21 April 2020

A Journey Around My Garden

Posted by David Lea


In 1790, while serving in the Piedmontese army, the French aristocrat Xavier de Maistre was arrested for duelling and sentenced to 42 days imprisonment in his own lodgings. The result was the singular little masterpiece A Journey Around My Room. With the whole of Britain now sharing something like de Maistre’s plight, I’ve decided to recreate the book in miniature (I thought I had a copy somewhere in the house, but if I do, I can’t find it, and can’t get to the shop to buy another, and in any case, we think it’s out of print at the moment) with one important difference. As our house arrest is less strict than de Maistre’s (he makes it no further than his window-ledge, and that in the sequel A Nocturnal Expedition Around my Room), and because in early Spring I’d normally be out in search of Swinburne’s hounds on Winter’s traces, I’ll allow myself to stray into the garden.

So the day starts with birdsong, more noticeable than usual in the absence of traffic noise and aircraft. This is a good time of year to start disentangling one singer from another. Not many of our Summer visitors have arrived yet, so only the residents are singing – Dunnock, Robin, Song Thrush, Blackbird, Wren and – to stretch the definition of song a little – the Magpie that is using the twigs from our as yet leafless silver birch to build a nest in next door’s garden. From first light, the various species of tits - Great, Blue and Coal – are busy getting ready for the breeding season.

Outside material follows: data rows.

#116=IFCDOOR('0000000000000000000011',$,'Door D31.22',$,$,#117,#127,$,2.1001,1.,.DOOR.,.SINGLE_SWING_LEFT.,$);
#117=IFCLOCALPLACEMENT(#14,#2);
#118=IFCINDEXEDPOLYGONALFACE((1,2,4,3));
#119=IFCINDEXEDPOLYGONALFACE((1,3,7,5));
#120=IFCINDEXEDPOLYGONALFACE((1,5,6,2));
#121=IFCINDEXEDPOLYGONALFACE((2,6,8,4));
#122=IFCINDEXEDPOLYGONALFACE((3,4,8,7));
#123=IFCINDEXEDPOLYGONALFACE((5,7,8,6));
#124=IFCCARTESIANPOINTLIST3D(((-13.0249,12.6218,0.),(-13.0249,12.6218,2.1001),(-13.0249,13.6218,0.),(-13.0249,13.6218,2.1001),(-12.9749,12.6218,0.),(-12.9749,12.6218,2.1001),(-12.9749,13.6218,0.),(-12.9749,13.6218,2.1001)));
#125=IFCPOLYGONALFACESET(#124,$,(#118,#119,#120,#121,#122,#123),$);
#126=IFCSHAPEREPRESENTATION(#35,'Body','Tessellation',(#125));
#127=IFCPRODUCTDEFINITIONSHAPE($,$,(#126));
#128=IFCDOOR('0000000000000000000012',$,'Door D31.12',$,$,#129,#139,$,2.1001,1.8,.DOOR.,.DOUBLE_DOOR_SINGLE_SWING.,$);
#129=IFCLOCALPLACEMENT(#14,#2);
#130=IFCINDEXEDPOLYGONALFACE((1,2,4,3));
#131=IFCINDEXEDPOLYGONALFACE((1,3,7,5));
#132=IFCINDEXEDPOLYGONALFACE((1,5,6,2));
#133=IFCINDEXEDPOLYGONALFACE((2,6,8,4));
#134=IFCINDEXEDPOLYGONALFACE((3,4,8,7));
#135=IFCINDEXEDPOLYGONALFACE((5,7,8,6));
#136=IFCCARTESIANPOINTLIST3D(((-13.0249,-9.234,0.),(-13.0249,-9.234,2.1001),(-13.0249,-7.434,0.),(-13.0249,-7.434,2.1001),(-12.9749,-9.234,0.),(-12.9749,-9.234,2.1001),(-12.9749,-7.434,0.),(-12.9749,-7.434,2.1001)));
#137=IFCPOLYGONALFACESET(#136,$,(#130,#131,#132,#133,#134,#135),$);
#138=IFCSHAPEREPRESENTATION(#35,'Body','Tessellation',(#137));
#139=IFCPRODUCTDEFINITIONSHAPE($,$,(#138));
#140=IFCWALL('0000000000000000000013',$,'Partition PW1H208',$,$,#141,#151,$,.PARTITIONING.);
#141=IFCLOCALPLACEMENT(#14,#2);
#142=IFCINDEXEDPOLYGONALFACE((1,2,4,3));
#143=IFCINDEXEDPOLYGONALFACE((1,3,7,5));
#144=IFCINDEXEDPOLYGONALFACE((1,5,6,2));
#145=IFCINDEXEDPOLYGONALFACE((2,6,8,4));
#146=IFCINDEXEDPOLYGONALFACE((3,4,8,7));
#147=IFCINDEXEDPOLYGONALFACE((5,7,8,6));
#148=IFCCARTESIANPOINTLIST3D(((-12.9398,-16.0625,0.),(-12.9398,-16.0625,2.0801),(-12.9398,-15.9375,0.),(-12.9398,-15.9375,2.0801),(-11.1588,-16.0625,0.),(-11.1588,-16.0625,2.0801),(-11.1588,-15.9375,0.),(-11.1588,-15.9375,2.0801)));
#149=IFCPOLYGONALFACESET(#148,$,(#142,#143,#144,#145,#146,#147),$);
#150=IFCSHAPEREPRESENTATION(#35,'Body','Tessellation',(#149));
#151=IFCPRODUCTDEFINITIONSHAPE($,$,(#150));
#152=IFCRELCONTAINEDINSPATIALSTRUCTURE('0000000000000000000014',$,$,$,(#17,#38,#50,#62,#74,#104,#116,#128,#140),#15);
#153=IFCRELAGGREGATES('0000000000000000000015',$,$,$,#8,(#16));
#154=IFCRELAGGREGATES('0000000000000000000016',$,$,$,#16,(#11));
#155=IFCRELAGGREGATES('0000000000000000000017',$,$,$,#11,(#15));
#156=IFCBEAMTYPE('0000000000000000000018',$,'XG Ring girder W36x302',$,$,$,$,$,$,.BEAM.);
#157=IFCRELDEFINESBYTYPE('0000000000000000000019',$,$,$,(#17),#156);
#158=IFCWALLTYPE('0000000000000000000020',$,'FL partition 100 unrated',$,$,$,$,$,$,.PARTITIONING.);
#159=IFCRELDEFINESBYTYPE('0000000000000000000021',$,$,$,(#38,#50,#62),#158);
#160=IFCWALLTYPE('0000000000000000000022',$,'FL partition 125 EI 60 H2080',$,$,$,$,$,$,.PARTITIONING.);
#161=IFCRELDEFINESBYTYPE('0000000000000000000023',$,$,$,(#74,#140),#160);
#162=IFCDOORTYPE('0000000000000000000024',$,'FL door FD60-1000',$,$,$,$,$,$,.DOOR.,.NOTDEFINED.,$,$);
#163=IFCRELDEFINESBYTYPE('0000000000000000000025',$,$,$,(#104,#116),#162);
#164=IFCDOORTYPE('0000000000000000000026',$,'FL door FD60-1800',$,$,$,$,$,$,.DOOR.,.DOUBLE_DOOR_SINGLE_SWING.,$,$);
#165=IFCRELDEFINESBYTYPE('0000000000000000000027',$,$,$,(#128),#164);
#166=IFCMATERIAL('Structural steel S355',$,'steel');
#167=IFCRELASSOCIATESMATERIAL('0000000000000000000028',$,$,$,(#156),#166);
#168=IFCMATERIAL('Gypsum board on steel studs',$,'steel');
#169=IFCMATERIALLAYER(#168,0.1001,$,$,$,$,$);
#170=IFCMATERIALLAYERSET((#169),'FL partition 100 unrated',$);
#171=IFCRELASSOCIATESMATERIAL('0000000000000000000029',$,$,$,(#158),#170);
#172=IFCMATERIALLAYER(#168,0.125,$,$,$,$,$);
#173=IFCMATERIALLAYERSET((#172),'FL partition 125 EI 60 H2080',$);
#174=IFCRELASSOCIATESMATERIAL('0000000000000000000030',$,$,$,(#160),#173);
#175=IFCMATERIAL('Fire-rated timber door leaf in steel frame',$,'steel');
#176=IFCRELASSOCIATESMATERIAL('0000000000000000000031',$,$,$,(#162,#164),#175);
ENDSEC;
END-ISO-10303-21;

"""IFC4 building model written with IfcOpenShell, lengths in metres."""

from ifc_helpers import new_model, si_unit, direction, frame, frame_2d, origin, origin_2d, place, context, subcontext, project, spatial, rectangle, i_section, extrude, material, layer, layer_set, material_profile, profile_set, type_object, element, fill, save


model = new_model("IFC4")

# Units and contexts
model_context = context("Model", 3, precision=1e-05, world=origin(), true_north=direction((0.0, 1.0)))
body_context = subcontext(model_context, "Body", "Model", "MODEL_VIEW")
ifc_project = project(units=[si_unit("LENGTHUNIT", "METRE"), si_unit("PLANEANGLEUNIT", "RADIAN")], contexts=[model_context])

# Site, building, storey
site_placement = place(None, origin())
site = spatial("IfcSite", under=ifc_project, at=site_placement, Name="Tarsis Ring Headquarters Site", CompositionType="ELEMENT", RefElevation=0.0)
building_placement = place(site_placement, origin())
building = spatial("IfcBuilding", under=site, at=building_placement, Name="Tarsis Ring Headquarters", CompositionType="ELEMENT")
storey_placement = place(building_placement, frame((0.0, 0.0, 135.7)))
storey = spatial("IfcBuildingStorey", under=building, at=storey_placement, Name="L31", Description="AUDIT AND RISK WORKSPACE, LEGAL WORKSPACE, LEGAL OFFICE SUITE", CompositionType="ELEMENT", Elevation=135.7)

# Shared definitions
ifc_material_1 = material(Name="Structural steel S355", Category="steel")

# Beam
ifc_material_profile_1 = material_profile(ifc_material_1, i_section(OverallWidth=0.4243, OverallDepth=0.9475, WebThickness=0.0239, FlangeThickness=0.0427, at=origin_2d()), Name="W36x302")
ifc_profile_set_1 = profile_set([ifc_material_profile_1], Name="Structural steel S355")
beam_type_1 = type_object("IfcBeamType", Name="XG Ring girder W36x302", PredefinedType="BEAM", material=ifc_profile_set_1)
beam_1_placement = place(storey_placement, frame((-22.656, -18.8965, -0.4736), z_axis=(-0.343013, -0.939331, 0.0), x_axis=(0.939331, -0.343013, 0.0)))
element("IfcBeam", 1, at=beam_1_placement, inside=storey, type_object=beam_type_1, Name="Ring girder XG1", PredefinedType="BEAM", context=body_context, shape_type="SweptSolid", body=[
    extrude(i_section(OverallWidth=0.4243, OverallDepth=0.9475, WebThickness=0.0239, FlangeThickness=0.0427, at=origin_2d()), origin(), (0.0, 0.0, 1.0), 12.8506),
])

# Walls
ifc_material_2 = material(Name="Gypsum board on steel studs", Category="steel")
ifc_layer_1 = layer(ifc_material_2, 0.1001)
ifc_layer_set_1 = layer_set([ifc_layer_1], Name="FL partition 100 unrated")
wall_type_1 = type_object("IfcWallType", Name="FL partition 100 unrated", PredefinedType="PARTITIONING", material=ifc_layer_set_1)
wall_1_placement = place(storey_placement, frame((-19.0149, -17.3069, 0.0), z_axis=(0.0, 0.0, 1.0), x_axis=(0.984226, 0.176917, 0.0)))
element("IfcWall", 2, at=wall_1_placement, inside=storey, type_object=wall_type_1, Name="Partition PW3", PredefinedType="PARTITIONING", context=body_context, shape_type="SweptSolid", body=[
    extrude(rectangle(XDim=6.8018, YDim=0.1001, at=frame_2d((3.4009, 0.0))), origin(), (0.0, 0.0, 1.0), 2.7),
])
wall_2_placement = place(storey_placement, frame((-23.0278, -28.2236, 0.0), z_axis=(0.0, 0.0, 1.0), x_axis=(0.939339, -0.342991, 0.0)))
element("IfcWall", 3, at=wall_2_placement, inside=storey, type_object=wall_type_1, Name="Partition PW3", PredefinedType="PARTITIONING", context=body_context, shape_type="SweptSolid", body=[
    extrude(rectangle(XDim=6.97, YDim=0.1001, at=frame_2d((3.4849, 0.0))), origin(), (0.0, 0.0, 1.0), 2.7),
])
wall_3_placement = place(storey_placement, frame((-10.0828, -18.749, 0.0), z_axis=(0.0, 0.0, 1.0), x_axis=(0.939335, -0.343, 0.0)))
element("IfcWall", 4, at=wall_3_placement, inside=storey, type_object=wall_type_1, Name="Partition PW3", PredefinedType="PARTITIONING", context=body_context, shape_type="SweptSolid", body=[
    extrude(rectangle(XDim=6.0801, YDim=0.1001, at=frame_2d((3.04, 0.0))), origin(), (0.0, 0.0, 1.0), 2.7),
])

As the sun climbs, various insects follow it. Columns of midges, a few hoverflies (read Fredrik Sjoberg’s The Fly Trap to discover how compelling hoverflies can be) a bumblebee or two. There aren’t many flowers blooming yet for the nectar seekers; Lesser Celandine and my favourite weed Herb Robert are the most noticeable. Geranium robertianum, a pretty little native geranium, will seemingly grow anywhere, in any or even almost no soil, and in climatic conditions ranging from drought to flood. I think I’ve seen it in flower in every month of the year. Ficaria verna on the other hand, as its Latin name implies, is very much an early spring flower, although I have seen it flowering as early as November, which is definitely stretching the definition of spring. In the company of Wood Anemone it carpets our local woodlands at this time of year, its bright yellow star-like flowers basking in the sunlight that the as-yet leafless trees allow to pass, turning towards the light like sunflowers and closing tightly when night falls. At the lawn edges in the garden it’s a welcome early blast of colour. By the end of April it will have disappeared without trace.

In the holly hedge, as in the living room, a variety of spiders are hard at work on webs – inside, most often those splendid, gothic tangles reminiscent of Miss Havisham’s sitting room in Great Expectations, outside, the proper Charlotte’s Web affairs in trees and bushes, the work of Araneus diadematus in the main, also known as garden spider, diadem spider, orangie, cross spider and crowned orb weaver. The Latin and the common names taken together give a good sense of its habitat, its habits and its appearance. At this time of year it’s fairly small, chestnut in colour and with a distinct white cross on its back. By the end of summer the females in particular can reach, by the standards of British spiders, a fairly impressive size. In the grass the horizontal canopies spun by money spiders catch the morning dew, along with the rising midges.

Then dusk, and the birds are singing again, and I think about Hardy’s ‘Darkling Thrush’:

 So little cause for carolings
      Of such ecstatic sound
Was written on terrestrial things
      Afar or nigh around,
That I could think there trembled through
      His happy good-night air
Some blessed Hope, whereof he knew
      And I was unaware.

It’s a poem I’ve heard a lot, recently, but I’ve always found it troubling. Hardy seems to be placing on the shoulders of the poor bird a burden it can’t possibly carry, and of which it can’t possibly be aware.

Then silence, at least to human ears. In fact, the darkness is filled with the ear-splitting screech of bats (not, I know, the world’s favourite taxon at the moment), newly emerged from hibernation, quartering the gardens like tiny nocturnal harriers in search of insect prey. Only a few as yet; mainly Pipistrelles in three, I think, varieties, the two species of Noctule, but they’ll be joined by others as the nights grow shorter. It’s only at dusk that I see them, but with a bat detector, attached to a computer, I can listen to them all night long, and watch the distinctive curves of their echolocation cries dance across the screen, each species with its own distinctive shape, occasionally compressing to an ecstatic buzz as they approach an insect, then devour it on the wing. Slowed down, the Noctules have a rather melancholy sound, like owls hooting. The Long-Eared Bats yap a bit like Yorkshire terriers, while the Pipistrelles remind me of swifts, whose arrival (it must be soon!) is always a high point of my year. But mostly, of course, these non-humans resemble themselves far more closely than anything else. For all the pleasure that we can and should and must take in the natural world, it’s not there to make us better humans or better inhabitants of the planet. In all its mysterious, fascinating beauty, it isn’t there for us, or them, or even them and us. What fundamentally it is about is it. Let’s take a little while to admire it.